I ran out of water today on a dry, 13-mile ridge with five peaks. It made for a long day. Now I’m camped out with about 20 other people at the first available site. I have to do 66 miles in the next three days.
September 19-25: Epilogue Part II
I made it to the entrance of Baxter State Park on schedule; my mother had ordered me a cab and informed the guy to give me $30 bucks cash when he picked me up. The remainder of the wilderness was great, though I had to take note of some of the better spots so that I can come back and see them when I’m not trying to do 30 miles in a day. The trail stays pretty low, with lots of rivers and lakes; a few places it actually followed beaches. I saw a giant bull moose, which was scared of me for some reason and took off running into the woods.
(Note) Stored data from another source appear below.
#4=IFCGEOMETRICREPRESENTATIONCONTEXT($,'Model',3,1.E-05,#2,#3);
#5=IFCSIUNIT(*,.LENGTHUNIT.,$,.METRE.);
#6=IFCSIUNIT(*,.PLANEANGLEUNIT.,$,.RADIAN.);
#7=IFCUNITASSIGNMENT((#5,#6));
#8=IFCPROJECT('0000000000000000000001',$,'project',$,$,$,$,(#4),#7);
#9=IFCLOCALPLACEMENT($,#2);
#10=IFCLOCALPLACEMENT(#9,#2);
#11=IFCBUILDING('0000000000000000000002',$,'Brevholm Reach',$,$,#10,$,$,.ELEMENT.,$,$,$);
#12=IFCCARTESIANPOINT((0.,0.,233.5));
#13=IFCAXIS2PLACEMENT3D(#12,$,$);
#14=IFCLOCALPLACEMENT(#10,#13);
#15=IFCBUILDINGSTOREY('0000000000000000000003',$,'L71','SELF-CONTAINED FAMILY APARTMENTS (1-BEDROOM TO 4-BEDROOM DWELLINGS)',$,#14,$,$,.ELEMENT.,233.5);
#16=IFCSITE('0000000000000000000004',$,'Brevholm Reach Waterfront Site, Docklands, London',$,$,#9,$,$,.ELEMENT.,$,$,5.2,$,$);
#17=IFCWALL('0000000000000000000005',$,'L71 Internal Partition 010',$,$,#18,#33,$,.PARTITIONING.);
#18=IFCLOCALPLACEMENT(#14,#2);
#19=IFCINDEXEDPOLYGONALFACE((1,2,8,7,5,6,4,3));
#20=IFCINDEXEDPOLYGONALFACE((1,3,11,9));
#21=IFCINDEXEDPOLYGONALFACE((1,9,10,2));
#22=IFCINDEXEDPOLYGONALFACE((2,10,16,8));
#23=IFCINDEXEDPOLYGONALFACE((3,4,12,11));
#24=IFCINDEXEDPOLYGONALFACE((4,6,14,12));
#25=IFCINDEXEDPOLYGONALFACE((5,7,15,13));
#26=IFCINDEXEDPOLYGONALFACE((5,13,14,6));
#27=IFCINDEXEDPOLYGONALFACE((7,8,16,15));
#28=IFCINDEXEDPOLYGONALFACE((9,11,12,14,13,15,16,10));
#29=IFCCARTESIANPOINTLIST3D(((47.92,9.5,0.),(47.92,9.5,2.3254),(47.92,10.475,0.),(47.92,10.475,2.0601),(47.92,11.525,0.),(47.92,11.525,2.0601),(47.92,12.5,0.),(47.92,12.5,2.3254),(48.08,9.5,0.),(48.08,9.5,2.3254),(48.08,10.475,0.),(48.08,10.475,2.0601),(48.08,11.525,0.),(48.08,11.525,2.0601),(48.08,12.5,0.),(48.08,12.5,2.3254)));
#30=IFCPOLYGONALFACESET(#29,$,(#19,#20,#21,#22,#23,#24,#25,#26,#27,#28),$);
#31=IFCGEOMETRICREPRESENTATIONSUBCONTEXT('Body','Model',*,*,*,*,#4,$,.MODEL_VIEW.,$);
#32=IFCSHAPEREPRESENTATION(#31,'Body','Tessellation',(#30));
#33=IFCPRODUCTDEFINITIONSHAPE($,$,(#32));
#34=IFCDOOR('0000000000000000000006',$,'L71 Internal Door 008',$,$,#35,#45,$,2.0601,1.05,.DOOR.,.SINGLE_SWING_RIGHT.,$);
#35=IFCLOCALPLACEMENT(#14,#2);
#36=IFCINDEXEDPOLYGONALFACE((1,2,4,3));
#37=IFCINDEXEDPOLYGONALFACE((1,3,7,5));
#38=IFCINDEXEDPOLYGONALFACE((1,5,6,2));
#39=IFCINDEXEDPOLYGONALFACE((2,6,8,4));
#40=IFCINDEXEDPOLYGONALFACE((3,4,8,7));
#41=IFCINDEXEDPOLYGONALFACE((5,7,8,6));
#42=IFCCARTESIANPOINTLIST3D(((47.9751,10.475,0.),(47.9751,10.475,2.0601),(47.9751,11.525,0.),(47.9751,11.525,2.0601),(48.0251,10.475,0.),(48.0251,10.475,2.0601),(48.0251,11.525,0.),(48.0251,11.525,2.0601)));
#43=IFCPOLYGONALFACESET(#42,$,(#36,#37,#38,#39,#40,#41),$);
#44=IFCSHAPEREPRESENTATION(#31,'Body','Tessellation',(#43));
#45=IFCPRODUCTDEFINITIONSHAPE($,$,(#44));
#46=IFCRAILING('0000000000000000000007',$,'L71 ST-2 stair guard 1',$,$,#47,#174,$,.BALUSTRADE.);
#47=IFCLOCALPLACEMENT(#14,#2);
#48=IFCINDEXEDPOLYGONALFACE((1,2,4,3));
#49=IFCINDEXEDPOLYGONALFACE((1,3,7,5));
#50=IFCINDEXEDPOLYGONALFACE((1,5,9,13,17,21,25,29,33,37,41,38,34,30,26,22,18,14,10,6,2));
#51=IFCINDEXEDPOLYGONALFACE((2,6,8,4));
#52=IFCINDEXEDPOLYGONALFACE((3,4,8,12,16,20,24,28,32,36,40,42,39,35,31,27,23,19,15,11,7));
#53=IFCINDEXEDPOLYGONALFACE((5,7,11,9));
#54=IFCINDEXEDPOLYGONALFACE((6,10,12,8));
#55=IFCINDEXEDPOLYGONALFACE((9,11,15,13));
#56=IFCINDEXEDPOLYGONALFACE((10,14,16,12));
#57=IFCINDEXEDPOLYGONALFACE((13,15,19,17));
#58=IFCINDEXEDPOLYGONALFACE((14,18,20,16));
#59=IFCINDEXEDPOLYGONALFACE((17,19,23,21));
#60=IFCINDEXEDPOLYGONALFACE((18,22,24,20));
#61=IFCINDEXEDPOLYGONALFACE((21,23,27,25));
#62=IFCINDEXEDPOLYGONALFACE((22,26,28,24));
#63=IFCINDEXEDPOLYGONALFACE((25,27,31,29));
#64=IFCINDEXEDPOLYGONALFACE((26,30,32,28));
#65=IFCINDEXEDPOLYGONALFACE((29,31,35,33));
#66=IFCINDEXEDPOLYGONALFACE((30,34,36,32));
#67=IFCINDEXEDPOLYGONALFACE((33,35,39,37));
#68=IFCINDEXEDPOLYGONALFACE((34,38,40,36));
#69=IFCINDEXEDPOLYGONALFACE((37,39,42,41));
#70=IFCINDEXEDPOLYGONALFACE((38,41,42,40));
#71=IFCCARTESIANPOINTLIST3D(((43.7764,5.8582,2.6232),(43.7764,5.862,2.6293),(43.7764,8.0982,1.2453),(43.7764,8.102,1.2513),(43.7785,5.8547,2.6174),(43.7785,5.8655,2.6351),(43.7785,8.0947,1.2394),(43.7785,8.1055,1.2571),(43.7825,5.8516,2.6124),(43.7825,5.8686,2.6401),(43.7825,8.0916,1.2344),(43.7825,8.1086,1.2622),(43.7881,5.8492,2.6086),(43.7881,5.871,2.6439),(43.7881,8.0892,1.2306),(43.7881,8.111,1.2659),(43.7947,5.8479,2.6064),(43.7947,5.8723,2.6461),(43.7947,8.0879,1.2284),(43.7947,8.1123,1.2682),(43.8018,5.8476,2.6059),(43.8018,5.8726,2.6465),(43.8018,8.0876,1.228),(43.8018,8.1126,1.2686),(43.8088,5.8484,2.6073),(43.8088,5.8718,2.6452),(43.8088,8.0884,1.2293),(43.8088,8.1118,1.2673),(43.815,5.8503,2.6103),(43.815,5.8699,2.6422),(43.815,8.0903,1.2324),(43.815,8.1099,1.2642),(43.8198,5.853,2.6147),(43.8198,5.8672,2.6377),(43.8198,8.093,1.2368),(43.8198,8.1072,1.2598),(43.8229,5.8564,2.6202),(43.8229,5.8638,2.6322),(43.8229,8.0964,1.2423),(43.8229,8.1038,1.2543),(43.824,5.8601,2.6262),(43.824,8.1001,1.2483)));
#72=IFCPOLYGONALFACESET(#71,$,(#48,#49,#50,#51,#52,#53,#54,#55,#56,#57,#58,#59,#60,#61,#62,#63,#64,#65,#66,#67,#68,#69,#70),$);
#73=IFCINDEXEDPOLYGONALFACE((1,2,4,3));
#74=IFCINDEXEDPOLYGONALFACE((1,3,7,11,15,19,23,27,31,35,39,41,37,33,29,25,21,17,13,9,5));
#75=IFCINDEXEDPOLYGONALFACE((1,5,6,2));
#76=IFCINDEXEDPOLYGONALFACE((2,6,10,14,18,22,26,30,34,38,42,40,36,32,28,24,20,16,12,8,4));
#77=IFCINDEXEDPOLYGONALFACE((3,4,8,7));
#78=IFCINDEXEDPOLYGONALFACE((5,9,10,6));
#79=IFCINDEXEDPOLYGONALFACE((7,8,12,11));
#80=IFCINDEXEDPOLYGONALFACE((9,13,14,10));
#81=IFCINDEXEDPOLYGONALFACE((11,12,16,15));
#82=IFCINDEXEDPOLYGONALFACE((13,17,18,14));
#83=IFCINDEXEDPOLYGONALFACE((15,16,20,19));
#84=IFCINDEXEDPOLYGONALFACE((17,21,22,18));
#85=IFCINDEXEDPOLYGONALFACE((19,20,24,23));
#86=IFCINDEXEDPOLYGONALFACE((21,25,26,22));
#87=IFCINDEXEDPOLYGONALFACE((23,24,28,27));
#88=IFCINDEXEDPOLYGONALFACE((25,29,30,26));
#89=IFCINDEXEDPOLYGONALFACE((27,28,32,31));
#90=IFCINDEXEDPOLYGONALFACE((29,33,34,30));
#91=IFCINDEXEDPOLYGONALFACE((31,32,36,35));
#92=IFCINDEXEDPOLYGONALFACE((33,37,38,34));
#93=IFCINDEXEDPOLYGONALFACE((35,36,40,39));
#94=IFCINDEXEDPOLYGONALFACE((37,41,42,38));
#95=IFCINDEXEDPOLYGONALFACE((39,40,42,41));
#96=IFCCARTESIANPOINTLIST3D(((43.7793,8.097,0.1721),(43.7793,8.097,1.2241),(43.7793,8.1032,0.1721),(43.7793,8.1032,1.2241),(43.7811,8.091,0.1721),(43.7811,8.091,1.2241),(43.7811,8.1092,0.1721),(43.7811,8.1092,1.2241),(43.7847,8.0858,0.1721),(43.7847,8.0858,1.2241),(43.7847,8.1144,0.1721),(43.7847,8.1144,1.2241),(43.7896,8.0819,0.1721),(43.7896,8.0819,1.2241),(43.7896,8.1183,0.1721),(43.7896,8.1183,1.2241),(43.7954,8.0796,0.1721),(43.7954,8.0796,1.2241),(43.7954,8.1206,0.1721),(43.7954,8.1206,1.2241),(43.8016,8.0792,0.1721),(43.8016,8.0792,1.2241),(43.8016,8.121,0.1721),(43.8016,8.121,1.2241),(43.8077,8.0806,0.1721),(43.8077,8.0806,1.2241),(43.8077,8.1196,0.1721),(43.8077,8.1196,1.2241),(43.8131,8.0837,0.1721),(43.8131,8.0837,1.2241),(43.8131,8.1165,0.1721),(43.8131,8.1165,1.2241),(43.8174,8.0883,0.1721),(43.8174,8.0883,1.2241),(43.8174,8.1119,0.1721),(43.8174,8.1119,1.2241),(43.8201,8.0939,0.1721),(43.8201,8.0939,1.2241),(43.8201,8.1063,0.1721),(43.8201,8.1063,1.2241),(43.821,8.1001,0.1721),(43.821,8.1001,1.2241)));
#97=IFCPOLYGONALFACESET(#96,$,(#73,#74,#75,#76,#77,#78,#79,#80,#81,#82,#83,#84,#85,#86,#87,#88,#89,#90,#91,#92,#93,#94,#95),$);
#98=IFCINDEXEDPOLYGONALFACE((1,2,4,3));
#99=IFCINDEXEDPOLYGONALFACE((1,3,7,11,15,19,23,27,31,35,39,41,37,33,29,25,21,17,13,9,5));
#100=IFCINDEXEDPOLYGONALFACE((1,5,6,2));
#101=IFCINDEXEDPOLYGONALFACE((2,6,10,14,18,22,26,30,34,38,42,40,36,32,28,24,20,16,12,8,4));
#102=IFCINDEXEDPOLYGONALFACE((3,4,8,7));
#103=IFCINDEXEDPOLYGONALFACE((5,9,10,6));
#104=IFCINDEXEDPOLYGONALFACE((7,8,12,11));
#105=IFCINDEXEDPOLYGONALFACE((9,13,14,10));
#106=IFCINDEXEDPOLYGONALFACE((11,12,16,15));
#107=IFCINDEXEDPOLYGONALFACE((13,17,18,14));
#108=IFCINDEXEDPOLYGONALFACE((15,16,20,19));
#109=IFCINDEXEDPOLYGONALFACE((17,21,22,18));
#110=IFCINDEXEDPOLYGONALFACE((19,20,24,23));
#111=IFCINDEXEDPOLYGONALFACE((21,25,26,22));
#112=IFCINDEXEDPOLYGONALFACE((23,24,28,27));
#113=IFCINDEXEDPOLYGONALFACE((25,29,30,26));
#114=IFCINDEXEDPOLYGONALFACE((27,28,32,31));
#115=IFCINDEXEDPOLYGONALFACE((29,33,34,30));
The final climb up Mt. Katadhin with my father was easily the best day of my life, not just because of the significant achievement it represented, but because the walk and the weather and our timing (We got to the top after the crowds; we had the summit to ourselves) were nothing short of spectacular. There isn’t another mountain on the trail that even compares to Katahdin. You pretty much have to see it. I smoked a cigar at the top and finished off the day by eating an entire lobster.
As I’m typing all this up eight months later, I still don’t really have a simple summary statement of all this, other than ‘worth the walk’.